Here, I’m thinking about helping this generation of activists strengthen their “resilience muscle.” Or maybe I should say beginning to think because I have no practical suggestions and was just overwhelmed when I encountered over 40,000,000 references when I searched for “resilience coach.” This article (#2 on my Ecosia search list) lays out a reasonable starting point for what resilience training adapted to political activism could look like.

I’m nowhere near ready to talk about political resilience in any more detail here. Patricia Shafer and I will, however, have to get there and include it prominently in Peace is a Verb, which we hope to finish by the beginning of next summer.

Echos from My Own Political Past

As I began thinking about this post and remembered Rudi Dutschke, I also remembered my first book which was on the new left in France. I decided to do it on the Unified Socialist Party which had been one of the big winners of May Movement in 1968 and won more than 5 percent of the vote in the next year’s presidential election. For an American radical, this was the ideal PhD dissertation topic.

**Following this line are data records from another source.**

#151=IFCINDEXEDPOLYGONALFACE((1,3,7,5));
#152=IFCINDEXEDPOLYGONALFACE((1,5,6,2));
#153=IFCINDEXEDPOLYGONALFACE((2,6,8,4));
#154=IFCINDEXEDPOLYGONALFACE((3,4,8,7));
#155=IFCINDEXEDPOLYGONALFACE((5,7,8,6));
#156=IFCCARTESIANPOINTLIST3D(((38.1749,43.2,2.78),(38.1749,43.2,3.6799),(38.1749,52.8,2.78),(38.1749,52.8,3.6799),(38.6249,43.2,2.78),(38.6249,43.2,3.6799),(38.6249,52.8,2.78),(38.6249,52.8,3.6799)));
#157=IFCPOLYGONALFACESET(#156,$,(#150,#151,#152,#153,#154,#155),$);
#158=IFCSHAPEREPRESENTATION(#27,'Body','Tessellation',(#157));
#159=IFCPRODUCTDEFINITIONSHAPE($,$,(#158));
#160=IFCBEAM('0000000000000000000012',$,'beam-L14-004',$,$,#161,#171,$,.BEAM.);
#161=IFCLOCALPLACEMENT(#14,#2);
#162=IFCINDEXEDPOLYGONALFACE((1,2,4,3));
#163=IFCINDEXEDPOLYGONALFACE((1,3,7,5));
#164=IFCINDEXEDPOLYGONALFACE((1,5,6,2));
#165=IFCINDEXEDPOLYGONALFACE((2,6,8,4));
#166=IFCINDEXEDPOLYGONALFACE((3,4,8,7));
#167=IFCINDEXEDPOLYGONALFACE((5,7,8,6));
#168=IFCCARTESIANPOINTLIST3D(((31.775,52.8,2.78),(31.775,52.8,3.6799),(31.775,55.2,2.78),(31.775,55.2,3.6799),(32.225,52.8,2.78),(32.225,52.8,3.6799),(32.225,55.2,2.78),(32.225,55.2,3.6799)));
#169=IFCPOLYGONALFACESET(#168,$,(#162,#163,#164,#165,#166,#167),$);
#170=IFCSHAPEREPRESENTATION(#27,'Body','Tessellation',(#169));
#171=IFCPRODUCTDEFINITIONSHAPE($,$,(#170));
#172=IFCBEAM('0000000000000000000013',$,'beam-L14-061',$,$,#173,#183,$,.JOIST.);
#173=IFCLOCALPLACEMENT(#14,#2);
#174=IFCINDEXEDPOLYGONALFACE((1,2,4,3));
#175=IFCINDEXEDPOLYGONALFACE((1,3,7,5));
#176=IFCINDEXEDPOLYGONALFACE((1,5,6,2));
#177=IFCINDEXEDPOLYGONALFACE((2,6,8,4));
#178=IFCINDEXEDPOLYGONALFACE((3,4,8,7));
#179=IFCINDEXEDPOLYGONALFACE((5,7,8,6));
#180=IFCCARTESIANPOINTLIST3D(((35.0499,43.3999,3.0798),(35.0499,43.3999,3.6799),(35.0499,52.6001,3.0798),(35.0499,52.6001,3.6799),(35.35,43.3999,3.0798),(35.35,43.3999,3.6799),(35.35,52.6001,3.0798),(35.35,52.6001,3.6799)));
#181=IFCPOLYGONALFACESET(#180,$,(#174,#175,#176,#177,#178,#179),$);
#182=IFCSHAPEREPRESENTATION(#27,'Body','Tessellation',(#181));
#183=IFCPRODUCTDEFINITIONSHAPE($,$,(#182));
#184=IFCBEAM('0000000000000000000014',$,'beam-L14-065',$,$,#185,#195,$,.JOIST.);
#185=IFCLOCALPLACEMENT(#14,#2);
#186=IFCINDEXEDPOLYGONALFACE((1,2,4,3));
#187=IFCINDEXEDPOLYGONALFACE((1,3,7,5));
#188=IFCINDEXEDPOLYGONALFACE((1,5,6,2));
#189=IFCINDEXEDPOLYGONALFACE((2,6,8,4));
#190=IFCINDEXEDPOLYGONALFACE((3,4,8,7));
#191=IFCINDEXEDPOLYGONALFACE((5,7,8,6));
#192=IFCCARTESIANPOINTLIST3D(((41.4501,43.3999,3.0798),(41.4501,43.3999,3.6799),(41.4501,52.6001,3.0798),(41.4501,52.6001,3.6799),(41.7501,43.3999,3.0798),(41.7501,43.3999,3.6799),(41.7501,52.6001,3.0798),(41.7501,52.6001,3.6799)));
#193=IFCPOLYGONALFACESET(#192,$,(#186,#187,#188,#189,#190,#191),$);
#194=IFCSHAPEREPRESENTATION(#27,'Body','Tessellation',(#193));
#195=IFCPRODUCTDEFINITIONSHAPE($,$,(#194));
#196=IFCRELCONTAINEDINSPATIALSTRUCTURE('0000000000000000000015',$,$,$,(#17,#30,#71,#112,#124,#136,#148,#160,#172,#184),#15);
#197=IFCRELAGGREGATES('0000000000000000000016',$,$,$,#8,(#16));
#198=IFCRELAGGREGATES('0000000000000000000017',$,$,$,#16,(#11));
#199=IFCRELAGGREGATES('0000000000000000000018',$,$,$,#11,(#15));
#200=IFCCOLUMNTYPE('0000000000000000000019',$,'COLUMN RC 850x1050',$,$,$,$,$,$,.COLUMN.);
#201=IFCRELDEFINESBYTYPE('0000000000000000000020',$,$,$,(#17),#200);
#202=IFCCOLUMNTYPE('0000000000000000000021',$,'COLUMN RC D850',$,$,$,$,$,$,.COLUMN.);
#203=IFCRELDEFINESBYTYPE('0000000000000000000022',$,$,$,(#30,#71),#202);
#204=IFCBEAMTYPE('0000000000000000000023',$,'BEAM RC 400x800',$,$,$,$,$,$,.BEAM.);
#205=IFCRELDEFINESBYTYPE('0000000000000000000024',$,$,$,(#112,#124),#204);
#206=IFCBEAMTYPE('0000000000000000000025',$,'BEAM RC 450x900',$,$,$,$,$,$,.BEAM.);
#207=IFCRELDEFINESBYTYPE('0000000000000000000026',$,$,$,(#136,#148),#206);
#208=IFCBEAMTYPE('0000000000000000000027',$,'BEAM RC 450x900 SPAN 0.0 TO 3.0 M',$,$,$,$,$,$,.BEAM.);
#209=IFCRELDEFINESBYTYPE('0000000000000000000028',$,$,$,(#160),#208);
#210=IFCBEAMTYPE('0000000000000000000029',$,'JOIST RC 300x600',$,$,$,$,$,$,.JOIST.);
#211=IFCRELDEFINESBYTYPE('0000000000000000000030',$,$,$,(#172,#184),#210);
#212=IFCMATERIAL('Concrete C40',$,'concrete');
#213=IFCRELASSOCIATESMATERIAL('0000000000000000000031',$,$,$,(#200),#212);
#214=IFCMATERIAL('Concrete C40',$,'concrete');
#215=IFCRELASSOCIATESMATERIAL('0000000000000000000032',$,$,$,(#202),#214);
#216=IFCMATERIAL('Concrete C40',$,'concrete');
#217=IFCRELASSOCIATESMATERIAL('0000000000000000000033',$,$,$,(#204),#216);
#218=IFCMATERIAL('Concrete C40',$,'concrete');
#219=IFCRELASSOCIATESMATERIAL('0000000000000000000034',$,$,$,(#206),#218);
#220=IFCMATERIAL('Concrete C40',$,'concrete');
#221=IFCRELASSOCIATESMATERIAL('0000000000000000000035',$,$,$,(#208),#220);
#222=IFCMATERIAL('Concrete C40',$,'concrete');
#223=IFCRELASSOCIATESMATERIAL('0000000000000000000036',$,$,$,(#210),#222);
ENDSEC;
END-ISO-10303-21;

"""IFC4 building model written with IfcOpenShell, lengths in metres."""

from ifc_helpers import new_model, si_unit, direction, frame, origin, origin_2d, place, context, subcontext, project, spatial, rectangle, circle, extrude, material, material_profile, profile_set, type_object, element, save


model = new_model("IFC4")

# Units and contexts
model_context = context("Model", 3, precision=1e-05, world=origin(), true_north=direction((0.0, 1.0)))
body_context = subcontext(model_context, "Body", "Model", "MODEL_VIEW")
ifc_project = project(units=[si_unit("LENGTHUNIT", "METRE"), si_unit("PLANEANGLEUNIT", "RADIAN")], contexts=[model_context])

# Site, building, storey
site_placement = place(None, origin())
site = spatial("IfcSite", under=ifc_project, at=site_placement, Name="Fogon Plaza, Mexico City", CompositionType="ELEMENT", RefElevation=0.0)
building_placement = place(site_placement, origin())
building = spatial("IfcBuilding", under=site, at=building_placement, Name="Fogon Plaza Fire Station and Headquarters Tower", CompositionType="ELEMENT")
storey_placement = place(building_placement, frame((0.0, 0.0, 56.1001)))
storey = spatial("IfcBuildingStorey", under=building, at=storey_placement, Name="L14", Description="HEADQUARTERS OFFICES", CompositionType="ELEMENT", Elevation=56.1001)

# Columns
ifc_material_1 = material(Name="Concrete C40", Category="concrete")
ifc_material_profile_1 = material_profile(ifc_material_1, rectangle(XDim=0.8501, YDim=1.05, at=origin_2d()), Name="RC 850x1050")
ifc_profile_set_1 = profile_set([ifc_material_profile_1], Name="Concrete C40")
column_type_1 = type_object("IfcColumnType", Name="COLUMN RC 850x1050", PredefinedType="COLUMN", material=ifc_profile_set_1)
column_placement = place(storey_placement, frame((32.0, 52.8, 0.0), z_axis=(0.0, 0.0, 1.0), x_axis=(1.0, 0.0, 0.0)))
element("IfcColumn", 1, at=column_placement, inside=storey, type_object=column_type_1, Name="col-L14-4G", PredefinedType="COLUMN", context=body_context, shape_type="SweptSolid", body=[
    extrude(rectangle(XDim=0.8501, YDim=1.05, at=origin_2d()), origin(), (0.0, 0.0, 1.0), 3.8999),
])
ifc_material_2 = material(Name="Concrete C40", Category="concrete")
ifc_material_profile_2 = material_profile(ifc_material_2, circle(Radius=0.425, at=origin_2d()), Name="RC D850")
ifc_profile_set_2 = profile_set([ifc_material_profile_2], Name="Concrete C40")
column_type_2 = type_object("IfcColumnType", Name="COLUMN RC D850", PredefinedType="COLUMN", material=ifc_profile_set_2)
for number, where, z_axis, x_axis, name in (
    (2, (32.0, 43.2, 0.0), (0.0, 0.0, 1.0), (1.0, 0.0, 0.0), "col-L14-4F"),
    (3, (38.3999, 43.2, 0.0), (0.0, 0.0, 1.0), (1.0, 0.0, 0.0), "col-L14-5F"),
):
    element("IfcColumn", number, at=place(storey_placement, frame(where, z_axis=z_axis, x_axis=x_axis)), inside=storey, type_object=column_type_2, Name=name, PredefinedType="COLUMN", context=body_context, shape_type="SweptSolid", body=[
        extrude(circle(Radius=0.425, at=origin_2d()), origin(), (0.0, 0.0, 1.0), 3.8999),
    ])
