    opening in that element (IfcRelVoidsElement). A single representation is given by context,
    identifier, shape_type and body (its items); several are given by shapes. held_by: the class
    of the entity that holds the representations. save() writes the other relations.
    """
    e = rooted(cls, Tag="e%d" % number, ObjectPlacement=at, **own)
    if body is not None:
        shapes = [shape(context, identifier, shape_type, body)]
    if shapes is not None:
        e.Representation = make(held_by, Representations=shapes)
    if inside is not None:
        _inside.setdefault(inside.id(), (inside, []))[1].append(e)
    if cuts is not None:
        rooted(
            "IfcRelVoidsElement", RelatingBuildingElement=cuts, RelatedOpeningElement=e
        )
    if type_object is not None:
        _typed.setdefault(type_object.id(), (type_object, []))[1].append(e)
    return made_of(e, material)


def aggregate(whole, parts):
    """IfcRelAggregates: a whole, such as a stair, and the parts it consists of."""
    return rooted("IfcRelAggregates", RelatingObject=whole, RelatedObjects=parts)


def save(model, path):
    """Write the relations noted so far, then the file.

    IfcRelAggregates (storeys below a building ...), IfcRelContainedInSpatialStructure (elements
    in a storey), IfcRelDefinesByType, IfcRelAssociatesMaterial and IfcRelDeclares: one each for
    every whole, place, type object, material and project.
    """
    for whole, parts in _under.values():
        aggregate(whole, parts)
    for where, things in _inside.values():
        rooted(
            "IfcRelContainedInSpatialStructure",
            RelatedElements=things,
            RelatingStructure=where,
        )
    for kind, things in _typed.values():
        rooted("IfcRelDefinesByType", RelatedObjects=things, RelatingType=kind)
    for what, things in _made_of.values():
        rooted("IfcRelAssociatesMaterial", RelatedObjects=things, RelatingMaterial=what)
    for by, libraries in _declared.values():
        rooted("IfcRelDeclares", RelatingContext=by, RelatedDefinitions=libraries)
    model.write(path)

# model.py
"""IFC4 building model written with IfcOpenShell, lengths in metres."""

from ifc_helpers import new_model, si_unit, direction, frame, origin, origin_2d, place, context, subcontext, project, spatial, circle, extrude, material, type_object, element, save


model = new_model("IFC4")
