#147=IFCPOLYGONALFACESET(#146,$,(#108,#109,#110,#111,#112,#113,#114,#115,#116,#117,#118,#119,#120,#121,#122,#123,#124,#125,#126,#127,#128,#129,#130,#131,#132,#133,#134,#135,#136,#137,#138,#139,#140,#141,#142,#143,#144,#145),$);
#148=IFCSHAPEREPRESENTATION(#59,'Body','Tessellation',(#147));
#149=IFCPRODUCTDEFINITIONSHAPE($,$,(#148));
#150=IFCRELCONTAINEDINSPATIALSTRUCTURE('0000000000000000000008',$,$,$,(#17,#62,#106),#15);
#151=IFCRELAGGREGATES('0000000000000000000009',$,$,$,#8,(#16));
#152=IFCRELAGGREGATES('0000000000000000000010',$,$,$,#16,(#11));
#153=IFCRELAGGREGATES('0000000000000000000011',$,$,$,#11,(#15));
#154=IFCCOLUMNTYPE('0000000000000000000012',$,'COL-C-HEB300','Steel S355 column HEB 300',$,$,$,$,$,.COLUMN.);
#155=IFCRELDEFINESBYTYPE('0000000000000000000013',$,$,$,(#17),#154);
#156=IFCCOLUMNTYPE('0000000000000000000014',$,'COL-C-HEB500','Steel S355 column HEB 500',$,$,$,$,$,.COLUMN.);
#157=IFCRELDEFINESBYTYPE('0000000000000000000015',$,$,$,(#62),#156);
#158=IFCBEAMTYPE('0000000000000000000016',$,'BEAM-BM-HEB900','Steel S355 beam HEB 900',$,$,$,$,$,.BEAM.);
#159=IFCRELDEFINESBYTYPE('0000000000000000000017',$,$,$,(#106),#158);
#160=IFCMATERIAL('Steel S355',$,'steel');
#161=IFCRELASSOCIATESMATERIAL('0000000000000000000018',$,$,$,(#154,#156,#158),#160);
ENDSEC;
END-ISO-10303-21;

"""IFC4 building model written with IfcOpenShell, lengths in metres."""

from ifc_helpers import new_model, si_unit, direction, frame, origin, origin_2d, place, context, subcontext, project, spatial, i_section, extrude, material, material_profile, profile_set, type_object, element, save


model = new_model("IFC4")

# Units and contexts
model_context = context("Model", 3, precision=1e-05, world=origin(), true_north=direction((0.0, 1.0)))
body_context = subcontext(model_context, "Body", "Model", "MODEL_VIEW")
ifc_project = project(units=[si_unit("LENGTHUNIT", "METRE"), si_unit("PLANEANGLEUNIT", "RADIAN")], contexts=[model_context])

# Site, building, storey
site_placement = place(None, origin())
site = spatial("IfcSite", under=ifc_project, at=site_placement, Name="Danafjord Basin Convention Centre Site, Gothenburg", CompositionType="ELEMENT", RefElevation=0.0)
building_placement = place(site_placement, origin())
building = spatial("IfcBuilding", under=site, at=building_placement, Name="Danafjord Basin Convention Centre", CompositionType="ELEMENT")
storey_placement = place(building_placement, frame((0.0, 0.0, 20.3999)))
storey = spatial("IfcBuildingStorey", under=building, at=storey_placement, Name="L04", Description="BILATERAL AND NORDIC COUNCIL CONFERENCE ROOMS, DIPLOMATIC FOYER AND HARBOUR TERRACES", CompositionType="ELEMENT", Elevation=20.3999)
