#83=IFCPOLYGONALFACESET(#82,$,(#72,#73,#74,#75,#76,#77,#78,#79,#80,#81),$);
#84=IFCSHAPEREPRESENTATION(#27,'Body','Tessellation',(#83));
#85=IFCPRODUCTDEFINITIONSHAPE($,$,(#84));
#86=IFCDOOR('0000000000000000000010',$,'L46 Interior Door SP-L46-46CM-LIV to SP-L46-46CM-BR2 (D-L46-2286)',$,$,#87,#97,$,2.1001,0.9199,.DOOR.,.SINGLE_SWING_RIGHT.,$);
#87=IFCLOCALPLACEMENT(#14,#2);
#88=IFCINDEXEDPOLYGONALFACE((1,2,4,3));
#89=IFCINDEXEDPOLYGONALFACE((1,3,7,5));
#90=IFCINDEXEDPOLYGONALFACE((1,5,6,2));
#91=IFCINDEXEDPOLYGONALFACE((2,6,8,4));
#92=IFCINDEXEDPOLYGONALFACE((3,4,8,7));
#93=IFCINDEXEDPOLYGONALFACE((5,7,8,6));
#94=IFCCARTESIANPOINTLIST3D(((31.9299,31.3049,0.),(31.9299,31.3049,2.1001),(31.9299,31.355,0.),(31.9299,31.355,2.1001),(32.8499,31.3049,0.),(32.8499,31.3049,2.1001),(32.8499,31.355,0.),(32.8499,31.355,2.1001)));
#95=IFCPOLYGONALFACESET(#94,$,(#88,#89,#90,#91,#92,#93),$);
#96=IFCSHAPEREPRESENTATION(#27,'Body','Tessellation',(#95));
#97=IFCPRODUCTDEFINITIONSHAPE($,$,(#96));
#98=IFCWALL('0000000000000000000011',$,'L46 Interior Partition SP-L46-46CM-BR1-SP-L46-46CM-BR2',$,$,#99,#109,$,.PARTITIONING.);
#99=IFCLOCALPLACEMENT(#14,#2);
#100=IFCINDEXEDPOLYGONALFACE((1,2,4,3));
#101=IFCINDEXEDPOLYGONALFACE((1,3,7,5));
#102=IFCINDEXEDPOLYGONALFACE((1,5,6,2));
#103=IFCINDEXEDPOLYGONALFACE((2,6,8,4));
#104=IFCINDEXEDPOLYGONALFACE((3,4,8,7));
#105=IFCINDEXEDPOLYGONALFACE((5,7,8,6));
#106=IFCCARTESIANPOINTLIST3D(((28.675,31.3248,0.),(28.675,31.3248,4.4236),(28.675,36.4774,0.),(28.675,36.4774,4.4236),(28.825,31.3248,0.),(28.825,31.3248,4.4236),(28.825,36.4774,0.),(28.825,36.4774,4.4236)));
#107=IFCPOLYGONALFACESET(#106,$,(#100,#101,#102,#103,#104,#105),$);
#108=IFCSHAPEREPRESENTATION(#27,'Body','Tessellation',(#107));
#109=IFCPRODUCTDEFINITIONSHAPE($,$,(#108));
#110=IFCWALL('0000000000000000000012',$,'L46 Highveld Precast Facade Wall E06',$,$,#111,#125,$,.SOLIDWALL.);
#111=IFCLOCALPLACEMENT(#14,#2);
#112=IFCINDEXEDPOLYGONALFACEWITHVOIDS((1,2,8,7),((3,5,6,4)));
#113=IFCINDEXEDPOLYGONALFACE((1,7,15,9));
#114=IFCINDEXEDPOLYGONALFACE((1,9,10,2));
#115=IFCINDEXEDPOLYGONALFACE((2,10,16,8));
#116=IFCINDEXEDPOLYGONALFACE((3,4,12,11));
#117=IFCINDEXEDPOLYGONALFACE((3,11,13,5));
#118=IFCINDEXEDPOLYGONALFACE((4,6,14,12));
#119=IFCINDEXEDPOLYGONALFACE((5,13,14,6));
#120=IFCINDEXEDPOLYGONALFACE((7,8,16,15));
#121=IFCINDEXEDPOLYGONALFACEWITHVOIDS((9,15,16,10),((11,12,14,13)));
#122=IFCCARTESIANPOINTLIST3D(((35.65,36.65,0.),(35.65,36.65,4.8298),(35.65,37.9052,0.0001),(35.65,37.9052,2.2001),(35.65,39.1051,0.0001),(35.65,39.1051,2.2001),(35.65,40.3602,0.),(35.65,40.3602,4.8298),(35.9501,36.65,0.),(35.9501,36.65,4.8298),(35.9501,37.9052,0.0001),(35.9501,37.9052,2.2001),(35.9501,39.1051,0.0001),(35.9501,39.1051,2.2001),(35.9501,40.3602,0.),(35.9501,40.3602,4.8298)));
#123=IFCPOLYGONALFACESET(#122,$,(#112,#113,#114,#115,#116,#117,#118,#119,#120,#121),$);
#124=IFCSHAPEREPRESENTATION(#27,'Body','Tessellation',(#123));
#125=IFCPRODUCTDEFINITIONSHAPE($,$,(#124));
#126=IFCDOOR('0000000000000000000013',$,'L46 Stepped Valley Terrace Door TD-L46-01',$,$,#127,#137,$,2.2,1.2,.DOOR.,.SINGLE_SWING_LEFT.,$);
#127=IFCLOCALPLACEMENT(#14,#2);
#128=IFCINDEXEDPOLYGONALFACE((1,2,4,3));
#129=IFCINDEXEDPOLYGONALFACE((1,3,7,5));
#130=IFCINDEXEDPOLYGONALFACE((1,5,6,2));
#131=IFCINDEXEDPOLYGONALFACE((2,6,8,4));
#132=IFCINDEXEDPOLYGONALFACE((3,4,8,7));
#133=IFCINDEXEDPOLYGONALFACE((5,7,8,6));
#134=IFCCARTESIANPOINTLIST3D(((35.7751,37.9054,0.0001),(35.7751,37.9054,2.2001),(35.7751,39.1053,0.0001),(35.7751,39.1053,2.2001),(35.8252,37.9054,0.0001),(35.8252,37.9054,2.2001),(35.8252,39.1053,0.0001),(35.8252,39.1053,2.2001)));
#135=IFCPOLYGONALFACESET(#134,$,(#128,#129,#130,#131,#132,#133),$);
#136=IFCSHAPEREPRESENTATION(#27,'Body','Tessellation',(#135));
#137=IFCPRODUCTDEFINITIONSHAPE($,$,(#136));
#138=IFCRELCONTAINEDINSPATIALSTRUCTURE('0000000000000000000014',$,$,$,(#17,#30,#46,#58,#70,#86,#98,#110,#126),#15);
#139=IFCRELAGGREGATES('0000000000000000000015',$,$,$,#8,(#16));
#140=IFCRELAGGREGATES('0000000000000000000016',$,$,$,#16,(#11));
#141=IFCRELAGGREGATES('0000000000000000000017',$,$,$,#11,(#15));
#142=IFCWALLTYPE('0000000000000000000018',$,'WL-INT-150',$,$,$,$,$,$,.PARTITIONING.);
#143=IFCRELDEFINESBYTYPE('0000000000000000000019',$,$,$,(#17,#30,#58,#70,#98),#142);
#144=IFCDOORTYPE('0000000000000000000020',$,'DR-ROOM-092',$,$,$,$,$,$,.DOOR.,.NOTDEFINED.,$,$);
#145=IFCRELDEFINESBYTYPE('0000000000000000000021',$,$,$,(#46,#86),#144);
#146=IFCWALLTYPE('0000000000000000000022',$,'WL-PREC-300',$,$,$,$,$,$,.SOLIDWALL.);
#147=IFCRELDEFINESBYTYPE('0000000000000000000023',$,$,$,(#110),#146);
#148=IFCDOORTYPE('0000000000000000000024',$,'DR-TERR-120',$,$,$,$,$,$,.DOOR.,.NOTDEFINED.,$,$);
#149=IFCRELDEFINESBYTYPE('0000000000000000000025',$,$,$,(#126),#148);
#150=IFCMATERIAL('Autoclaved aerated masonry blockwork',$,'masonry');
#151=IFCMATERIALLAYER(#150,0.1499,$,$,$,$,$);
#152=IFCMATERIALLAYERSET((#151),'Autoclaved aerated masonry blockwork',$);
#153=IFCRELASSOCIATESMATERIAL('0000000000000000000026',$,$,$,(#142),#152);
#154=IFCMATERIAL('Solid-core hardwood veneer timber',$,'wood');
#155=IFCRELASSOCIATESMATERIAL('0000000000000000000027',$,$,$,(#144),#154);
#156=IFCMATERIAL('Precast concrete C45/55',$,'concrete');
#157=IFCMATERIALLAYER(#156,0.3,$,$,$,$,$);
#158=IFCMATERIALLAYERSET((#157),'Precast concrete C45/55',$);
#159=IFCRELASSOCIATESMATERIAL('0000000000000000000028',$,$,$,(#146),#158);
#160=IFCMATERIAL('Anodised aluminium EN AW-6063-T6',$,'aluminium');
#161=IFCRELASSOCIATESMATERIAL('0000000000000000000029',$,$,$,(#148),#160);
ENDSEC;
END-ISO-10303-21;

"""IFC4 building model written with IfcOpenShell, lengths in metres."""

My advisor (properly) asked me to focus in on a single question—why activists got involved and stayed involved in the PSU’s day-to-day activities–on the assumption that I would uncover some lessons for my American colleagues. It became clear to me that Roy Pierce had put me on to something because, by time I got to France in mid-1972, the party had begun would can be best and most charitably called its death spiral. So, I began asking why people got and stayed involved even if the future did not look promising.

After lots of very weird regression analyses, the most important underlying factor for sustaining activism in a declining organization was its members’ sense—rightly or wrongly—that they were having an impact.

Fifty years later, perhaps we should be doing more to help today’s activists not only see where they are making a difference but do the kind of research I didn’t do back in the day—how can we maximize the probability that they will, in fact, have an impact.

Luckily for you, the book has been out of print for decades….

The views and opinions expressed in this article are those of the author and do not necessarily reflect the official policy or position of the Alliance for Peacebuilding or its members.